# A8V Deluxe WOL (Wake-On-Lan) not working



## Lazarus Long (Dec 24, 2004)

Hello:

I'm having a problem with the WOL (Wake-On-Lan) feature in the ASUS A8V Deluxe.

I'm replacing a small PC lab of 20 computers equipped with ASUS A7V8X and AMD Athlon 2400+ processors, with ASUS A8V Deluxe and AMD Athlon64 3000+ processors.

The system requires the WOL feature to be available since the boot process depends on it.

Individual machine configuration:
Motherboard: ASUS A8V Deluxe
Processor: AMD Athlon64 3000+
Memory: DDR400 VDATA 512M (1 DIMM)
Hard Disk: Seagate Barracuda 7200.7 80 GB
Graphic Card: XFX nVidia GeForce FX 5900 XT 128 MB
Power Supply Unit: Q-TEC 450W Dual Fan

BIOS configuration (only what was changed from default after clear of the CMOS):
Primary Master: AUTO (others disabled)
Cool N'Quiet: Enabled
SATA: Disabled, Promise: Disabled, LAN Boot ROM: Enabled,
Serial and Parallel Ports: Disabled
PnP OS: Yes
Speech Post Reporter: Disabled
Power On PCI Device: Enabled
Hit 'DEL' Message Display: Disabled
1st Boot Device: Yukon PXE, (others disabled)

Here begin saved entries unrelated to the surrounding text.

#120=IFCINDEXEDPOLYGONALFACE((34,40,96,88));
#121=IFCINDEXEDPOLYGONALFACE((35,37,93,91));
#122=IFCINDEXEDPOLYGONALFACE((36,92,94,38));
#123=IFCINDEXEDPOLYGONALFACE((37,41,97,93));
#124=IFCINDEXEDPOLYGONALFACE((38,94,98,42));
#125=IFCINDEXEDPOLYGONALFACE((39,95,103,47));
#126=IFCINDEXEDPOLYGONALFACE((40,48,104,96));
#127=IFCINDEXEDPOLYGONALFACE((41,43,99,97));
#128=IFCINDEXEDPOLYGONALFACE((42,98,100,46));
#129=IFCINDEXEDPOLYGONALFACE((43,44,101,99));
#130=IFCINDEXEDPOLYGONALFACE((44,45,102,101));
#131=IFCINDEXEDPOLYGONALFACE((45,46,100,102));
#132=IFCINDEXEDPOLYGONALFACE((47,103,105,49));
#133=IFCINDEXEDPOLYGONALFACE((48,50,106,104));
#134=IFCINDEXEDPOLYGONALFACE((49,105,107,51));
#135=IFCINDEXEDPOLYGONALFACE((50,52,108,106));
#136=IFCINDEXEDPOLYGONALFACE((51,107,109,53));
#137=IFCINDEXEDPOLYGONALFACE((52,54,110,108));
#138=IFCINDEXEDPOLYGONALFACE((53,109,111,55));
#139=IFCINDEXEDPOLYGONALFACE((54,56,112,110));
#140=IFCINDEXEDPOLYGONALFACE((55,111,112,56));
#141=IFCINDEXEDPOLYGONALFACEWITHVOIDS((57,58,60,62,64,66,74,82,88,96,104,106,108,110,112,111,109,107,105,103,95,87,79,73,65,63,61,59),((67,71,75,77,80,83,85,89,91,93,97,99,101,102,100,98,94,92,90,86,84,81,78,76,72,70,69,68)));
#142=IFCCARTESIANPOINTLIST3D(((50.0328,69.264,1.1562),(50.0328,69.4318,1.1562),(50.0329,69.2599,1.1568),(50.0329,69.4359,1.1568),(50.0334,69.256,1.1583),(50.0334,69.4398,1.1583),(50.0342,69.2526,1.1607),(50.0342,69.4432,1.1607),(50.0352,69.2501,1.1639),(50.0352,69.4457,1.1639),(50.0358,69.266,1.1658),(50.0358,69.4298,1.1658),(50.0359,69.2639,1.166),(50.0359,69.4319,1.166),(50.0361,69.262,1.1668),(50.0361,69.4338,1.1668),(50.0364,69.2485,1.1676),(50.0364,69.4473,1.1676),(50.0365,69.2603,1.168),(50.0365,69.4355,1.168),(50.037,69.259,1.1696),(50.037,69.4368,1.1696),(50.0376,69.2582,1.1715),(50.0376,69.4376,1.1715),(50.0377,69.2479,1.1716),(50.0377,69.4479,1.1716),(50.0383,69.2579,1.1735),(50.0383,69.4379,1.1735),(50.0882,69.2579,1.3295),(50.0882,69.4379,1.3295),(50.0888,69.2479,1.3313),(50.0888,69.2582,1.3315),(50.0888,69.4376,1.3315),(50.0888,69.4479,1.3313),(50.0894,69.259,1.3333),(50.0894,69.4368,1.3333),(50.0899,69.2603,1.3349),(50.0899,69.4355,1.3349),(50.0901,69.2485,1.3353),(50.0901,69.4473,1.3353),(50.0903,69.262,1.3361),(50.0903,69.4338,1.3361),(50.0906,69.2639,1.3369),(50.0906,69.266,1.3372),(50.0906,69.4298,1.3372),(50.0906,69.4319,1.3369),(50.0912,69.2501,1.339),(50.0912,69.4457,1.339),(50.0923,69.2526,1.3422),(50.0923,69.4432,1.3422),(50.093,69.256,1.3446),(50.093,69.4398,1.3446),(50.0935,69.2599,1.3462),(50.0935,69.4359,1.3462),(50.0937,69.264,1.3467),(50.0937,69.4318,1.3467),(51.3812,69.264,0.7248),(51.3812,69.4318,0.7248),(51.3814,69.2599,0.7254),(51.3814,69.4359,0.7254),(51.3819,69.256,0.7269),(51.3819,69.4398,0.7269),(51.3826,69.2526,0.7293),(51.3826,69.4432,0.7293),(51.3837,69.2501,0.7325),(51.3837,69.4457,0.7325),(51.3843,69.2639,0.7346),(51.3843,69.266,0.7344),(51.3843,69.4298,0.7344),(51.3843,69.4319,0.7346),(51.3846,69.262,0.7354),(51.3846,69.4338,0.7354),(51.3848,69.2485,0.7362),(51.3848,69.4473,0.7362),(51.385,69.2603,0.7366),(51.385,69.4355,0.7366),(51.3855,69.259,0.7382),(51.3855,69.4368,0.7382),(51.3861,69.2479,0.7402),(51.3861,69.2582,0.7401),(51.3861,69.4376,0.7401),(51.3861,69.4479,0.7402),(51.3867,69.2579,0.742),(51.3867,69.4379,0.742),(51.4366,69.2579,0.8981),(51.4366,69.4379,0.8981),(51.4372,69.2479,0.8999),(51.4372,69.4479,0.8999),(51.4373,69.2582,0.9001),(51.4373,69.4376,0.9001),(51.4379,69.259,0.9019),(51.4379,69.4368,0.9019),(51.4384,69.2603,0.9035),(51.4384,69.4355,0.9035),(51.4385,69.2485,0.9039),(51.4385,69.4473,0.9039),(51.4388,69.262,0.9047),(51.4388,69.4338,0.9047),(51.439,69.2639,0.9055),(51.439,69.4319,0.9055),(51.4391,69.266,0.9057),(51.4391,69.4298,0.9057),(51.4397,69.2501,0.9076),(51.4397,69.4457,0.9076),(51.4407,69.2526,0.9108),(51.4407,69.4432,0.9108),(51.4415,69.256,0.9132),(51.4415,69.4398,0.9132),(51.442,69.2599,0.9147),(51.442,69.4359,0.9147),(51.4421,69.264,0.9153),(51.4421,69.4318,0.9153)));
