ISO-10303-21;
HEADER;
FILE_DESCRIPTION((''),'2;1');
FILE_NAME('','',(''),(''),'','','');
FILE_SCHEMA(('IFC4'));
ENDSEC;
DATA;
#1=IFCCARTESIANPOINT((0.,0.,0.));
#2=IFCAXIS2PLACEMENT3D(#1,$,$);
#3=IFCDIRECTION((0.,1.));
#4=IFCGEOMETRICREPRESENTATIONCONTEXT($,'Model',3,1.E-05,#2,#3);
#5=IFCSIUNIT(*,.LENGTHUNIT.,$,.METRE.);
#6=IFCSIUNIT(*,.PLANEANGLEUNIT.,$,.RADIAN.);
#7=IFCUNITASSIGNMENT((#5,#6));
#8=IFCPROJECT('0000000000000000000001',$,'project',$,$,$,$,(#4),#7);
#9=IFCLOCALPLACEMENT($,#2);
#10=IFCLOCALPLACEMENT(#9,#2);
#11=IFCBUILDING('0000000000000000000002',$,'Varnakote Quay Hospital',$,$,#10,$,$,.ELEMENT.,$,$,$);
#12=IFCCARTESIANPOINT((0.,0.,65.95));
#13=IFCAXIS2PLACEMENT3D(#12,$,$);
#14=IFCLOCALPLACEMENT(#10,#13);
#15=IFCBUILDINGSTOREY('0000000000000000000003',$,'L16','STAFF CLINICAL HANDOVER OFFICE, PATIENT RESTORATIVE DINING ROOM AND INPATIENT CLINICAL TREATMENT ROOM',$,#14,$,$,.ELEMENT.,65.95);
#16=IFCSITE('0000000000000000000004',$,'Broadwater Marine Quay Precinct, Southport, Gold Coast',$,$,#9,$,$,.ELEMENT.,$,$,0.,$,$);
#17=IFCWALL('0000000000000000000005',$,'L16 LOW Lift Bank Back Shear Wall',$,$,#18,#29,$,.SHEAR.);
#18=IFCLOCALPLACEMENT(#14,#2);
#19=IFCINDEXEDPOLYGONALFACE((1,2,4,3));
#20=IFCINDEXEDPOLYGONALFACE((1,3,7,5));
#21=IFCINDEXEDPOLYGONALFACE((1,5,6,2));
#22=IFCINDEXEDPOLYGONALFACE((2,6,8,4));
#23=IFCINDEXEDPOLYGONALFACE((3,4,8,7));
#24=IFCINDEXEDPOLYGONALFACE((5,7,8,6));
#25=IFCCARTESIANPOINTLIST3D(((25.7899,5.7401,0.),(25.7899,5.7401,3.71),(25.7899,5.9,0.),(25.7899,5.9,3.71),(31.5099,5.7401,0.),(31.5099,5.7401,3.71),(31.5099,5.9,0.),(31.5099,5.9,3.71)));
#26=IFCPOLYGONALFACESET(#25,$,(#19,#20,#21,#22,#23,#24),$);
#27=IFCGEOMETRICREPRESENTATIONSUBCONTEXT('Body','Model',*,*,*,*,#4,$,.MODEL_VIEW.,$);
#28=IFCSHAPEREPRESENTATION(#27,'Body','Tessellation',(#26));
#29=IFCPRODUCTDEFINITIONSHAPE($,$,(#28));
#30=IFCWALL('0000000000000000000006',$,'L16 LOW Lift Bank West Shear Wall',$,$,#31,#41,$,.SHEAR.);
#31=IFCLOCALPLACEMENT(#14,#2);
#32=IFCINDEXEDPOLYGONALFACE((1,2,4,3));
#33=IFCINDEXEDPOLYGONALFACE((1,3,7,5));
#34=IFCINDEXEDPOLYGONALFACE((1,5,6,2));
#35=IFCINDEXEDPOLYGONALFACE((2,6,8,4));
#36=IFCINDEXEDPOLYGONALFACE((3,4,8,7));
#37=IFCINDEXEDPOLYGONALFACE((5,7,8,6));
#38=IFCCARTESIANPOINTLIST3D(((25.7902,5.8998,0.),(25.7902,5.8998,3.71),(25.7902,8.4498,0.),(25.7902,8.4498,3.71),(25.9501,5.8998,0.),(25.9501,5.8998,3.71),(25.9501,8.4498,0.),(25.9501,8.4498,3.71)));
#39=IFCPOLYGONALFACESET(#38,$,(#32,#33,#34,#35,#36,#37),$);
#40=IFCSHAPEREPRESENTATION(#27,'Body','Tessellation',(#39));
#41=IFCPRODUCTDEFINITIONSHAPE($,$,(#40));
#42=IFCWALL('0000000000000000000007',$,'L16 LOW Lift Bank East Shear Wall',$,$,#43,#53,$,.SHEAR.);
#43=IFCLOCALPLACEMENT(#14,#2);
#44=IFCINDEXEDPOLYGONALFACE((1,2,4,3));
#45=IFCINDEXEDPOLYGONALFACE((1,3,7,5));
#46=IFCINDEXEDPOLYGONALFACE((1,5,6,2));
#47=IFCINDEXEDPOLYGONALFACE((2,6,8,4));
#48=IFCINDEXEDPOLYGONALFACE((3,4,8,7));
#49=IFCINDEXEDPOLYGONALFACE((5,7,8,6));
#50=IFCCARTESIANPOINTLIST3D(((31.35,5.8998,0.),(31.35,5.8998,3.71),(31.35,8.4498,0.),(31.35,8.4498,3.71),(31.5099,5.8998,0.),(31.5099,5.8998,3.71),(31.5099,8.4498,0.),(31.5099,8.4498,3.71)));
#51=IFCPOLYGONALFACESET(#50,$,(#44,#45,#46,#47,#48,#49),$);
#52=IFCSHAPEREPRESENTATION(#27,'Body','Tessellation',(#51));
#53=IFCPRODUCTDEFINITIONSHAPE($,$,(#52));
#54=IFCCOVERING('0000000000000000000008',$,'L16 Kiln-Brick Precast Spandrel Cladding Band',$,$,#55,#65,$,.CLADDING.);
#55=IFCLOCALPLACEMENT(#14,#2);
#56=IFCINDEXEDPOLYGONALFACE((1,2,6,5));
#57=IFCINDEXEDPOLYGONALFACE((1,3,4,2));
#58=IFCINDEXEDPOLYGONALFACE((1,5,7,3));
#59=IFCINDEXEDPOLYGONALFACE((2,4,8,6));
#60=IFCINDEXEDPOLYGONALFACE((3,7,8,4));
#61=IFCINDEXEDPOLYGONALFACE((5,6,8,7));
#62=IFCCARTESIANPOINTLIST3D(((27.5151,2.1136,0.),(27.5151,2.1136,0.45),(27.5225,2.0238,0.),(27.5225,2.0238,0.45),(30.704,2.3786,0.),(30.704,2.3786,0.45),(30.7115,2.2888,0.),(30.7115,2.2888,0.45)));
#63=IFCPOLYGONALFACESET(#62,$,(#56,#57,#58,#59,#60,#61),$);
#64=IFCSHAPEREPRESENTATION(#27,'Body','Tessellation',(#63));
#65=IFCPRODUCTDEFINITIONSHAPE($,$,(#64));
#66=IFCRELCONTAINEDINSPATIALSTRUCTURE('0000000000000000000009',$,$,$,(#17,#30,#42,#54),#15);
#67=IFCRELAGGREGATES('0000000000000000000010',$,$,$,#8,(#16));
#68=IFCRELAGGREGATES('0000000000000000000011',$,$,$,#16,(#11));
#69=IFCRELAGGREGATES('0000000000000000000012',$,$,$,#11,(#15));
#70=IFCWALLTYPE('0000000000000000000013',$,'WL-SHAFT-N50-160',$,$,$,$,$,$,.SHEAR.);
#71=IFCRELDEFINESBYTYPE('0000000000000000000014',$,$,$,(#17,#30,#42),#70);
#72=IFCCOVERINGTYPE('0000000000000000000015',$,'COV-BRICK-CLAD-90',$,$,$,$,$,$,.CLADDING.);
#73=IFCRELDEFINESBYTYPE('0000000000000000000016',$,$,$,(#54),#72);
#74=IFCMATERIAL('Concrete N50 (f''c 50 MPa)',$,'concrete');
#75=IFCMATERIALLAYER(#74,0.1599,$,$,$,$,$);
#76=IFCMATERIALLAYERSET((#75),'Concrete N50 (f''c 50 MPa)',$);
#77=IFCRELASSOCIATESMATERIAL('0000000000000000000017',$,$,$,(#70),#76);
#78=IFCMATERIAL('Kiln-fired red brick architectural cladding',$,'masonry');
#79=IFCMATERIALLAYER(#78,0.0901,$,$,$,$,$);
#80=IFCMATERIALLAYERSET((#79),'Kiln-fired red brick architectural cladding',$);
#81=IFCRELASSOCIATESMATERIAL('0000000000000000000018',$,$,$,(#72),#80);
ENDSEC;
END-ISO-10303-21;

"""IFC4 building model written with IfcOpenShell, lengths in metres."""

from ifc_helpers import new_model, si_unit, direction, frame, frame_2d, origin, origin_2d, place, context, subcontext, project, spatial, rectangle, extrude, material, layer, layer_set, type_object, element, save


model = new_model("IFC4")

# Units and contexts
model_context = context("Model", 3, precision=1e-05, world=origin(), true_north=direction((0.0, 1.0)))
body_context = subcontext(model_context, "Body", "Model", "MODEL_VIEW")
ifc_project = project(units=[si_unit("LENGTHUNIT", "METRE"), si_unit("PLANEANGLEUNIT", "RADIAN")], contexts=[model_context])

# Site, building, storey
site_placement = place(None, origin())
site = spatial("IfcSite", under=ifc_project, at=site_placement, Name="Broadwater Marine Quay Precinct, Southport, Gold Coast", CompositionType="ELEMENT", RefElevation=0.0)
building_placement = place(site_placement, origin())
building = spatial("IfcBuilding", under=site, at=building_placement, Name="Varnakote Quay Hospital", CompositionType="ELEMENT")
storey_placement = place(building_placement, frame((0.0, 0.0, 65.95)))
storey = spatial("IfcBuildingStorey", under=building, at=storey_placement, Name="L16", Description="STAFF CLINICAL HANDOVER OFFICE, PATIENT RESTORATIVE DINING ROOM AND INPATIENT CLINICAL TREATMENT ROOM", CompositionType="ELEMENT", Elevation=65.95)

# Walls
ifc_material_1 = material(Name="Concrete N50 (f'c 50 MPa)", Category="concrete")
ifc_layer_1 = layer(ifc_material_1, 0.1599)
ifc_layer_set_1 = layer_set([ifc_layer_1], Name="Concrete N50 (f'c 50 MPa)")
wall_type_1 = type_object("IfcWallType", Name="WL-SHAFT-N50-160", PredefinedType="SHEAR", material=ifc_layer_set_1)
wall_1_placement = place(storey_placement, frame((25.79, 5.8201, 0.0), z_axis=(0.0, 0.0, 1.0), x_axis=(1.0, 0.0, 0.0)))
element("IfcWall", 1, at=wall_1_placement, inside=storey, type_object=wall_type_1, Name="L16 LOW Lift Bank Back Shear Wall", PredefinedType="SHEAR", context=body_context, shape_type="SweptSolid", body=[
    extrude(rectangle(XDim=5.72, YDim=0.1599, at=frame_2d((2.8599, 0.0))), origin(), (0.0, 0.0, 1.0), 3.71),
])
for number, where, z_axis, x_axis, name in (
    (2, (25.8701, 5.8999, 0.0), (0.0, 0.0, 1.0), (0.0, 1.0, 0.0), "L16 LOW Lift Bank West Shear Wall"),
    (3, (31.4299, 5.8999, 0.0), (0.0, 0.0, 1.0), (0.0, 1.0, 0.0), "L16 LOW Lift Bank East Shear Wall"),
):
    element("IfcWall", number, at=place(storey_placement, frame(where, z_axis=z_axis, x_axis=x_axis)), inside=storey, type_object=wall_type_1, Name=name, PredefinedType="SHEAR", context=body_context, shape_type="SweptSolid", body=[
        extrude(rectangle(XDim=2.55, YDim=0.1599, at=frame_2d((1.2749, 0.0))), origin(), (0.0, 0.0, 1.0), 3.71),
    ])

# Covering
ifc_material_2 = material(Name="Kiln-fired red brick architectural cladding", Category="masonry")
ifc_layer_2 = layer(ifc_material_2, 0.0901)
ifc_layer_set_2 = layer_set([ifc_layer_2], Name="Kiln-fired red brick architectural cladding")
covering_type = type_object("IfcCoveringType", Name="COV-BRICK-CLAD-90", PredefinedType="CLADDING", material=ifc_layer_set_2)
covering_placement = place(storey_placement, frame((29.1133, 2.2012, 0.0), z_axis=(0.0, 0.0, 1.0), x_axis=(0.996566, 0.082808, 0.0)))
element("IfcCovering", 4, at=covering_placement, inside=storey, type_object=covering_type, Name="L16 Kiln-Brick Precast Spandrel Cladding Band", PredefinedType="CLADDING", context=body_context, shape_type="SweptSolid", body=[
    extrude(rectangle(XDim=3.2, YDim=0.0901, at=origin_2d()), origin(), (0.0, 0.0, 1.0), 0.45),
])

save(model, "model.ifc")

This configuration was tested with BIOS versions 1008 (shipped with the motherboards), 1009 Beta 5 and 1009 Beta 6, without result.

The Boot ROM is working since if we power up the machines by hand it will take over and remote boot, what isn't working is the WOL feature of the board. The RJ-45 cables seem to be working OK (since they are the same used with the A7V8X boards and the lights came up at the Switch/Hub and at the board, even when it is powered down) so my guess is with the WOL implementation.

Can anyone help/suggest me? It was a considerable cost we had with the upgrade and now we are stuck with this tiny thing.

Any help whould be appreciated,


----------



## PROUDX (Jan 20, 2005)

*I Got Wol Working On The A8v*

i used the marvell network configration properties in windows xp. i changed a default property of enabled wol from shutdown to on. by default it is off. and i enabled wol to respond to magic packet only. i also enabled wake on pci in the bios.

works like a charm.


----------